In fact, this megastructure will actually extend our Sun's life, since lower mass stars burn slower, keeping the solar system inhabitable for many more billions of years. With a Caplan thruster, we could turn the entire solar system into our spaceship. For example, by orbiting backwards in the galaxy and colonizing hundreds or thousands of stars as we pass by them. It may even be possible to escape the galaxy entirely and expand beyond the Milky Way.

Stellar engines are the kind of machines built by civilizations thinking not in terms of years or decades but eons. Since we know that our Sun will die one day, a stellar engine could allow the far future descendants of humans to travel to other stars without ever having to venture into the terrifying dark abyss of interstellar space. Until we build a stellar engine, we're adrift and subject to the whims of the Galactic sea. We may not like where it leads us.

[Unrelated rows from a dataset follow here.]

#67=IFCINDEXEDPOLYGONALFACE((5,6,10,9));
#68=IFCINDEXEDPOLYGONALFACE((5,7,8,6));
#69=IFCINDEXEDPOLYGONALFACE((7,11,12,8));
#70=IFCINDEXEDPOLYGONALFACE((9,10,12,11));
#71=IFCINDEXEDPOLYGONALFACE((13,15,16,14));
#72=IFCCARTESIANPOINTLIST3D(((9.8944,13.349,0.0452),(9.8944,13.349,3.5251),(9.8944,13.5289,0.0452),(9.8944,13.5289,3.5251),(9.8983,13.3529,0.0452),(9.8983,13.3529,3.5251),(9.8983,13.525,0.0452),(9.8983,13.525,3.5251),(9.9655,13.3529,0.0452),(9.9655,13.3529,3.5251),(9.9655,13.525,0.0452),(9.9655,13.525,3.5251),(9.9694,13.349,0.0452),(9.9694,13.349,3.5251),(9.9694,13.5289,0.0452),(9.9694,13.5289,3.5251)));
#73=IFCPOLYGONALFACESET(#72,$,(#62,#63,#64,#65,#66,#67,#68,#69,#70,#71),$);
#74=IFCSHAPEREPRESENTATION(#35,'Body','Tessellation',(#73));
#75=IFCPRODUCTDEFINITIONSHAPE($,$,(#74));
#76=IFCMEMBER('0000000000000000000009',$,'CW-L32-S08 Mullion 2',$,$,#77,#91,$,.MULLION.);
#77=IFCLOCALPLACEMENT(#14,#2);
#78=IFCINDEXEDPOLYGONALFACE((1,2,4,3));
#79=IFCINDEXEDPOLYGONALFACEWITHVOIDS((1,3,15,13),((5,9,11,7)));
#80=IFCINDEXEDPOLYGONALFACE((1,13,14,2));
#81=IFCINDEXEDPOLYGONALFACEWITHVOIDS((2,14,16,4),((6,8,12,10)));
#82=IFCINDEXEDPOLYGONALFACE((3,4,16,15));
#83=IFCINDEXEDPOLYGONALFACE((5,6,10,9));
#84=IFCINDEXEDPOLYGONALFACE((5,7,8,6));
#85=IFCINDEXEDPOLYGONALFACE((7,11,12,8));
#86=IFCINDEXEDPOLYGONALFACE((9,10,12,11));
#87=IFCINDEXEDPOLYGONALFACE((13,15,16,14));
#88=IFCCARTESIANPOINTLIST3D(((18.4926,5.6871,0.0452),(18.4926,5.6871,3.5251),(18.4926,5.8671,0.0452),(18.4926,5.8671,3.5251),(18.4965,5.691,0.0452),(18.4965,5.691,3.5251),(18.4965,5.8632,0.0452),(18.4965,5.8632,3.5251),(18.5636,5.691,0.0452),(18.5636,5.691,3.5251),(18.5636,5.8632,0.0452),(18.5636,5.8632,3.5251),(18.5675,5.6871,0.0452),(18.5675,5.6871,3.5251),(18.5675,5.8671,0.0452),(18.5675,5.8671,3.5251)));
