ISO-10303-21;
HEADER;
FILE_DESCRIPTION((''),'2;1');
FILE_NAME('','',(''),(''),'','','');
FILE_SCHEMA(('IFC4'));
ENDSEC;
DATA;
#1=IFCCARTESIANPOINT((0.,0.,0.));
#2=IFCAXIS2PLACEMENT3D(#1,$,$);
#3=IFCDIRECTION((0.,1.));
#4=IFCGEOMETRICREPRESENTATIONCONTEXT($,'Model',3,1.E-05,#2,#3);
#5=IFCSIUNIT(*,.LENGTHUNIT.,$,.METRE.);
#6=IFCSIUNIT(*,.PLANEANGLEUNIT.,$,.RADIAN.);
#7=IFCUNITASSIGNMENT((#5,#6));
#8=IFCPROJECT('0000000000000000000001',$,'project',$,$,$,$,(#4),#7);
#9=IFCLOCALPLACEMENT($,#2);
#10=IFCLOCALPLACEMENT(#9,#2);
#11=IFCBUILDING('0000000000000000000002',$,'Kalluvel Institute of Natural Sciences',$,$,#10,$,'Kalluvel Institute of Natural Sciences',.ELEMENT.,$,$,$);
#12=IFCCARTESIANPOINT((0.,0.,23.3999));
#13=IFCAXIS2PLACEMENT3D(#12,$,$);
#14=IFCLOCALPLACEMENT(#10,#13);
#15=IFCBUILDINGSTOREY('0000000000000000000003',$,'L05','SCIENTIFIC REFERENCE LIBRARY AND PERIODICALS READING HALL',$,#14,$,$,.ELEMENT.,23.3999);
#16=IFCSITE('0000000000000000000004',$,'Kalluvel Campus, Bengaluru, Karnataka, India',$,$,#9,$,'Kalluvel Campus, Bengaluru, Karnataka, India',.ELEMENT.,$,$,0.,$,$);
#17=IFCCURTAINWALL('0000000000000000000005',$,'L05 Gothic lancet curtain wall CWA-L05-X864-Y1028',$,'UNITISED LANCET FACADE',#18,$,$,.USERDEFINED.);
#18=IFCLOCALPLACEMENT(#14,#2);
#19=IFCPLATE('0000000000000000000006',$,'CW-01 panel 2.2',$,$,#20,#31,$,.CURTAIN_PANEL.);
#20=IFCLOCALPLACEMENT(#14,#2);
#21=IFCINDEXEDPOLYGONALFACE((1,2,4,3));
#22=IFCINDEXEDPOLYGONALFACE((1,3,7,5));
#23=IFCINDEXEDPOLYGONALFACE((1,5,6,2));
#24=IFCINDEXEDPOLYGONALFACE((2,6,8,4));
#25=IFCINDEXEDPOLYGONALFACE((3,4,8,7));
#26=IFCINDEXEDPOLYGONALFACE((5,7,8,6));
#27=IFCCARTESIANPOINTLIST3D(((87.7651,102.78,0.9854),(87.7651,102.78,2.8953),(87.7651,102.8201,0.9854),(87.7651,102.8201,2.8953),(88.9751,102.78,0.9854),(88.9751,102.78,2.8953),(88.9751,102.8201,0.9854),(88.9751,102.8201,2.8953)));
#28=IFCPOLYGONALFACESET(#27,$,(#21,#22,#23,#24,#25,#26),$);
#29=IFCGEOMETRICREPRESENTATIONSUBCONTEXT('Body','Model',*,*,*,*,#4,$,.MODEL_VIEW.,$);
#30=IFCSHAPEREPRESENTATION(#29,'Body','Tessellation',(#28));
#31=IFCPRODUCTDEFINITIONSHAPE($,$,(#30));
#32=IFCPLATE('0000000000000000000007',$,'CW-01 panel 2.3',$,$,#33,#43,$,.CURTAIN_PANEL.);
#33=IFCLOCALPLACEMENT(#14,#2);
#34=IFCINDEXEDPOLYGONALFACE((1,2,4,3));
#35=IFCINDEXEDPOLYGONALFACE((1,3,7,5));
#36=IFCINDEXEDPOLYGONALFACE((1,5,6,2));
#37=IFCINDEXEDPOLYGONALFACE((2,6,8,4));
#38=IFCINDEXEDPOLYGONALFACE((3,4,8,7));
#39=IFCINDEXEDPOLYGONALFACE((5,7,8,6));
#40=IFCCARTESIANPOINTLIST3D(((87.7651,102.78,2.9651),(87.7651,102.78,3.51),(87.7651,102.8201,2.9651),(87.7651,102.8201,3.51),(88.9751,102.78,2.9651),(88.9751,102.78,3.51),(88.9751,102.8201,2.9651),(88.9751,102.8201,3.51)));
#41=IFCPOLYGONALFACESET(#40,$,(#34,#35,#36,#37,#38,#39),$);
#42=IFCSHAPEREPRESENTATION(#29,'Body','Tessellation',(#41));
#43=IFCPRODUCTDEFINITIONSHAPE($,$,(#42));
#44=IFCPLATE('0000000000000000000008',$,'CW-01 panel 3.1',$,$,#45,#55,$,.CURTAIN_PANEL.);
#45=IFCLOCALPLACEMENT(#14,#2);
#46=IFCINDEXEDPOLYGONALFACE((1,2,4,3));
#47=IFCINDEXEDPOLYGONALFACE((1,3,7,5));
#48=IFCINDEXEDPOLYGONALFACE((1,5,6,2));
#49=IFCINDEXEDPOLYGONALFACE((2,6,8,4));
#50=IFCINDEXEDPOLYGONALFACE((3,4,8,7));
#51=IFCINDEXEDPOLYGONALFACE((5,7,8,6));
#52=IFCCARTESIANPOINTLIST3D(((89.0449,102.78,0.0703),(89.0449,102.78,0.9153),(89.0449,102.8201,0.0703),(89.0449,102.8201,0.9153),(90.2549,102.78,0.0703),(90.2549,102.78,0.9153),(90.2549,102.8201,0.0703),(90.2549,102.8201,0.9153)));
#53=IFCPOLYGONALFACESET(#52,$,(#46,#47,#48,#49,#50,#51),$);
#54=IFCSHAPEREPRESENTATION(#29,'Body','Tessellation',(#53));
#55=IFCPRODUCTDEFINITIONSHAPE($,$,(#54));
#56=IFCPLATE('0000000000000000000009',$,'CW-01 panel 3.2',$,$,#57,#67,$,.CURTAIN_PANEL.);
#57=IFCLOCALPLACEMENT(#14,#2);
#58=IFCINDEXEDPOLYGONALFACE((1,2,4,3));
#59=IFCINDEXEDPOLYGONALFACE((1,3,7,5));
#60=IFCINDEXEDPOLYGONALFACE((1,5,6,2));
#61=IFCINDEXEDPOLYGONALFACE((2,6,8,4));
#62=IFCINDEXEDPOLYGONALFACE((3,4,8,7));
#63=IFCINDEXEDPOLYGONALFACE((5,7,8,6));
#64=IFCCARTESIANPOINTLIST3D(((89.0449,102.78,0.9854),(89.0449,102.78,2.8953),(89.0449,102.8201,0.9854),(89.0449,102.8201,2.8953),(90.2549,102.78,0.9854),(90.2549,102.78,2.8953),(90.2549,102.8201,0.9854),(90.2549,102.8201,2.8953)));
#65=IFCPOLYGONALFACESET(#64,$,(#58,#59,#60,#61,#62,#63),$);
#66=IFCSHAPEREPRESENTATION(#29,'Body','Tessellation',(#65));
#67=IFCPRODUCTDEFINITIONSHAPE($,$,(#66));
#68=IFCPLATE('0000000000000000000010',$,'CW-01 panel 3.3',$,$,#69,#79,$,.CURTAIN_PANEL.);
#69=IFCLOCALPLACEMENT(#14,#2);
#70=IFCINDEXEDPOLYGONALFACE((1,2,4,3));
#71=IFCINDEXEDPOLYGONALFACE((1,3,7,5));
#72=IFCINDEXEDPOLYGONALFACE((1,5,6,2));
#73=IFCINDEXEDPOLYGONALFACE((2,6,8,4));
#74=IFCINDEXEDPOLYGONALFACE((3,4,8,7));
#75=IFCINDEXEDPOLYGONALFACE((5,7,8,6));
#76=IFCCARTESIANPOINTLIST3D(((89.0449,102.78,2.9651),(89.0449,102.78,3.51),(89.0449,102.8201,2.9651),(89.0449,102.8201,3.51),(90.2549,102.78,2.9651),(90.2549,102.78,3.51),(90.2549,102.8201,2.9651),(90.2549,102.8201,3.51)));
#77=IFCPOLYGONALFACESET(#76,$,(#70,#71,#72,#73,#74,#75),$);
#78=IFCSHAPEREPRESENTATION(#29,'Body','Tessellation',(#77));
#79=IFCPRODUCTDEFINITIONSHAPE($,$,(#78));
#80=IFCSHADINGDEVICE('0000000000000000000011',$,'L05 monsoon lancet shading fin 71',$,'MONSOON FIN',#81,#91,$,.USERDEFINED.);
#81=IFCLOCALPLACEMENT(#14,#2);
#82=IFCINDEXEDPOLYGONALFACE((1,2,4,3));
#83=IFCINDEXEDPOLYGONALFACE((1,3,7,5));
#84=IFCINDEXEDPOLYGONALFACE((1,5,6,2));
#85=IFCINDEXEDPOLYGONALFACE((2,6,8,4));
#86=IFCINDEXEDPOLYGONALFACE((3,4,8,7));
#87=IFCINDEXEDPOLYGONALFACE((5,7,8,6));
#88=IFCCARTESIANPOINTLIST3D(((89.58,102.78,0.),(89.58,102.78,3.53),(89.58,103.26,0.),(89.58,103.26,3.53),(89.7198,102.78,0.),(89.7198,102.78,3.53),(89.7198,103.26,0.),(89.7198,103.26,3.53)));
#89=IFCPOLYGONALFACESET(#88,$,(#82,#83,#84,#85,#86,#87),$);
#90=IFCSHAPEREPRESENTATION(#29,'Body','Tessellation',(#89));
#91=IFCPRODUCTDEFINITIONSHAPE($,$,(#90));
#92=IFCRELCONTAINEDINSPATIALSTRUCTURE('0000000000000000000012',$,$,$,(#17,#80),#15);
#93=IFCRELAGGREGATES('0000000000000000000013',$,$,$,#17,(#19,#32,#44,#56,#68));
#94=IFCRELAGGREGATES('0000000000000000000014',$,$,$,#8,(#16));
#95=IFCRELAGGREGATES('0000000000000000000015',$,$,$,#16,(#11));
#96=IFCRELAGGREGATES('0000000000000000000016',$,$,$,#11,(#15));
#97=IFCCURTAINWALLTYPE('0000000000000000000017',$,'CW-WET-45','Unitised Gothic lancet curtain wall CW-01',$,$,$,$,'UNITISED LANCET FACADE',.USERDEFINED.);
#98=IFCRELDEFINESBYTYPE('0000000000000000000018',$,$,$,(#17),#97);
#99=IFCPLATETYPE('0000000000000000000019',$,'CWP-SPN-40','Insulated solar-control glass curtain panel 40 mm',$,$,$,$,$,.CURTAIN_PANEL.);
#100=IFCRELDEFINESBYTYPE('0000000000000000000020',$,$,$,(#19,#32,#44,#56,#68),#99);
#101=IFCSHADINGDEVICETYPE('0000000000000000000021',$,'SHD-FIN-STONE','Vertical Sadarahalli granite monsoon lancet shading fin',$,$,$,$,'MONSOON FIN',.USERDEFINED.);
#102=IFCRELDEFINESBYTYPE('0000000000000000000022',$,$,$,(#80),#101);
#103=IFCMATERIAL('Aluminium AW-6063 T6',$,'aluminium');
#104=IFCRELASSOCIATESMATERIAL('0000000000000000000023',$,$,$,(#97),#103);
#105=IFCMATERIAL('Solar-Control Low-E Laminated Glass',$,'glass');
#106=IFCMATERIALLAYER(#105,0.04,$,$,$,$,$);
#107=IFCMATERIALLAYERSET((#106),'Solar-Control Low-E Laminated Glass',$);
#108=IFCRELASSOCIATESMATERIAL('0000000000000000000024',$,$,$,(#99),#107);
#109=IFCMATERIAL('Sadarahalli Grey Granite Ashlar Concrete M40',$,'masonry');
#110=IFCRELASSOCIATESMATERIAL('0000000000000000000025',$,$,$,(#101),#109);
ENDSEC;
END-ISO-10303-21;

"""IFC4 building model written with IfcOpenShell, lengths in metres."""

from ifc_helpers import new_model, si_unit, direction, frame, origin, origin_2d, place, context, subcontext, project, spatial, rectangle, extrude, material, layer, layer_set, type_object, element, aggregate, save


model = new_model("IFC4")

# Units and contexts
model_context = context("Model", 3, precision=1e-05, world=origin(), true_north=direction((0.0, 1.0)))
body_context = subcontext(model_context, "Body", "Model", "MODEL_VIEW")
ifc_project = project(units=[si_unit("LENGTHUNIT", "METRE"), si_unit("PLANEANGLEUNIT", "RADIAN")], contexts=[model_context])

# Site, building, storey
site_placement = place(None, origin())
site = spatial("IfcSite", under=ifc_project, at=site_placement, Name="Kalluvel Campus, Bengaluru, Karnataka, India", LongName="Kalluvel Campus, Bengaluru, Karnataka, India", CompositionType="ELEMENT", RefElevation=0.0)
building_placement = place(site_placement, origin())
building = spatial("IfcBuilding", under=site, at=building_placement, Name="Kalluvel Institute of Natural Sciences", LongName="Kalluvel Institute of Natural Sciences", CompositionType="ELEMENT")
storey_placement = place(building_placement, frame((0.0, 0.0, 23.3999)))
storey = spatial("IfcBuildingStorey", under=building, at=storey_placement, Name="L05", Description="SCIENTIFIC REFERENCE LIBRARY AND PERIODICALS READING HALL", CompositionType="ELEMENT", Elevation=23.3999)

# Curtain wall
ifc_material_1 = material(Name="Aluminium AW-6063 T6", Category="aluminium")
curtain_wall_type = type_object("IfcCurtainWallType", Name="CW-WET-45", Description="Unitised Gothic lancet curtain wall CW-01", ElementType="UNITISED LANCET FACADE", PredefinedType="USERDEFINED", material=ifc_material_1)
curtain_wall_placement = place(storey_placement, origin())
curtain_wall = element("IfcCurtainWall", 1, at=curtain_wall_placement, inside=storey, type_object=curtain_wall_type, Name="L05 Gothic lancet curtain wall CWA-L05-X864-Y1028", ObjectType="UNITISED LANCET FACADE", PredefinedType="USERDEFINED")

# Plates
ifc_material_2 = material(Name="Solar-Control Low-E Laminated Glass", Category="glass")
ifc_layer = layer(ifc_material_2, 0.04)
ifc_layer_set = layer_set([ifc_layer], Name="Solar-Control Low-E Laminated Glass")
plate_type = type_object("IfcPlateType", Name="CWP-SPN-40", Description="Insulated solar-control glass curtain panel 40 mm", PredefinedType="CURTAIN_PANEL", material=ifc_layer_set)
plate_1_placement = place(storey_placement, frame((88.3701, 102.8, 0.9854), z_axis=(0.0, 0.0, 1.0), x_axis=(1.0, 0.0, 0.0)))
plate_1 = element("IfcPlate", 2, at=plate_1_placement, type_object=plate_type, Name="CW-01 panel 2.2", PredefinedType="CURTAIN_PANEL", context=body_context, shape_type="SweptSolid", body=[
    extrude(rectangle(XDim=1.21, YDim=0.04, at=origin_2d()), origin(), (0.0, 0.0, 1.0), 1.9099),
])
plate_2_placement = place(storey_placement, frame((88.3701, 102.8, 2.9651), z_axis=(0.0, 0.0, 1.0), x_axis=(1.0, 0.0, 0.0)))
plate_2 = element("IfcPlate", 3, at=plate_2_placement, type_object=plate_type, Name="CW-01 panel 2.3", PredefinedType="CURTAIN_PANEL", context=body_context, shape_type="SweptSolid", body=[
    extrude(rectangle(XDim=1.21, YDim=0.04, at=origin_2d()), origin(), (0.0, 0.0, 1.0), 0.5449),
])
plate_3_placement = place(storey_placement, frame((89.6499, 102.8, 0.0703), z_axis=(0.0, 0.0, 1.0), x_axis=(1.0, 0.0, 0.0)))
plate_3 = element("IfcPlate", 4, at=plate_3_placement, type_object=plate_type, Name="CW-01 panel 3.1", PredefinedType="CURTAIN_PANEL", context=body_context, shape_type="SweptSolid", body=[
    extrude(rectangle(XDim=1.21, YDim=0.04, at=origin_2d()), origin(), (0.0, 0.0, 1.0), 0.845),
])
plate_4_placement = place(storey_placement, frame((89.6499, 102.8, 0.9854), z_axis=(0.0, 0.0, 1.0), x_axis=(1.0, 0.0, 0.0)))
plate_4 = element("IfcPlate", 5, at=plate_4_placement, type_object=plate_type, Name="CW-01 panel 3.2", PredefinedType="CURTAIN_PANEL", context=body_context, shape_type="SweptSolid", body=[
    extrude(rectangle(XDim=1.21, YDim=0.04, at=origin_2d()), origin(), (0.0, 0.0, 1.0), 1.9099),
])
plate_5_placement = place(storey_placement, frame((89.6499, 102.8, 2.9651), z_axis=(0.0, 0.0, 1.0), x_axis=(1.0, 0.0, 0.0)))
plate_5 = element("IfcPlate", 6, at=plate_5_placement, type_object=plate_type, Name="CW-01 panel 3.3", PredefinedType="CURTAIN_PANEL", context=body_context, shape_type="SweptSolid", body=[
    extrude(rectangle(XDim=1.21, YDim=0.04, at=origin_2d()), origin(), (0.0, 0.0, 1.0), 0.5449),
])
aggregate(curtain_wall, [plate_1, plate_2, plate_3, plate_4, plate_5])

# Shading device
ifc_material_3 = material(Name="Sadarahalli Grey Granite Ashlar Concrete M40", Category="masonry")
shading_device_type = type_object("IfcShadingDeviceType", Name="SHD-FIN-STONE", Description="Vertical Sadarahalli granite monsoon lancet shading fin", ElementType="MONSOON FIN", PredefinedType="USERDEFINED", material=ifc_material_3)
shading_device_placement = place(storey_placement, frame((89.6499, 103.02, 0.0), z_axis=(0.0, 0.0, 1.0), x_axis=(1.0, 0.0, 0.0)))
element("IfcShadingDevice", 7, at=shading_device_placement, inside=storey, type_object=shading_device_type, Name="L05 monsoon lancet shading fin 71", ObjectType="MONSOON FIN", PredefinedType="USERDEFINED", context=body_context, shape_type="SweptSolid", body=[
    extrude(rectangle(XDim=0.1399, YDim=0.48, at=origin_2d()), origin(), (0.0, 0.0, 1.0), 3.53),
])

save(model, "model.ifc")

Maybe our descendants will set sail and become an interstellar species for millions of years to come. This was our last video for the year 12,019 of the human era, and what a year it was. So much stuff happened everywhere, to so many different people. Calendars and holidays are just imaginary, but they help us to cut our lives into pieces that our brains can handle.

We're leaving 12,019 behind with a weird mixture of disillusion and hope. The world is screwed up, but we can fix it. In a few days, this year will be over, and we'll get to try again. Thank you for watching our videos, and for sticking around for so many years. See you all in 12,020.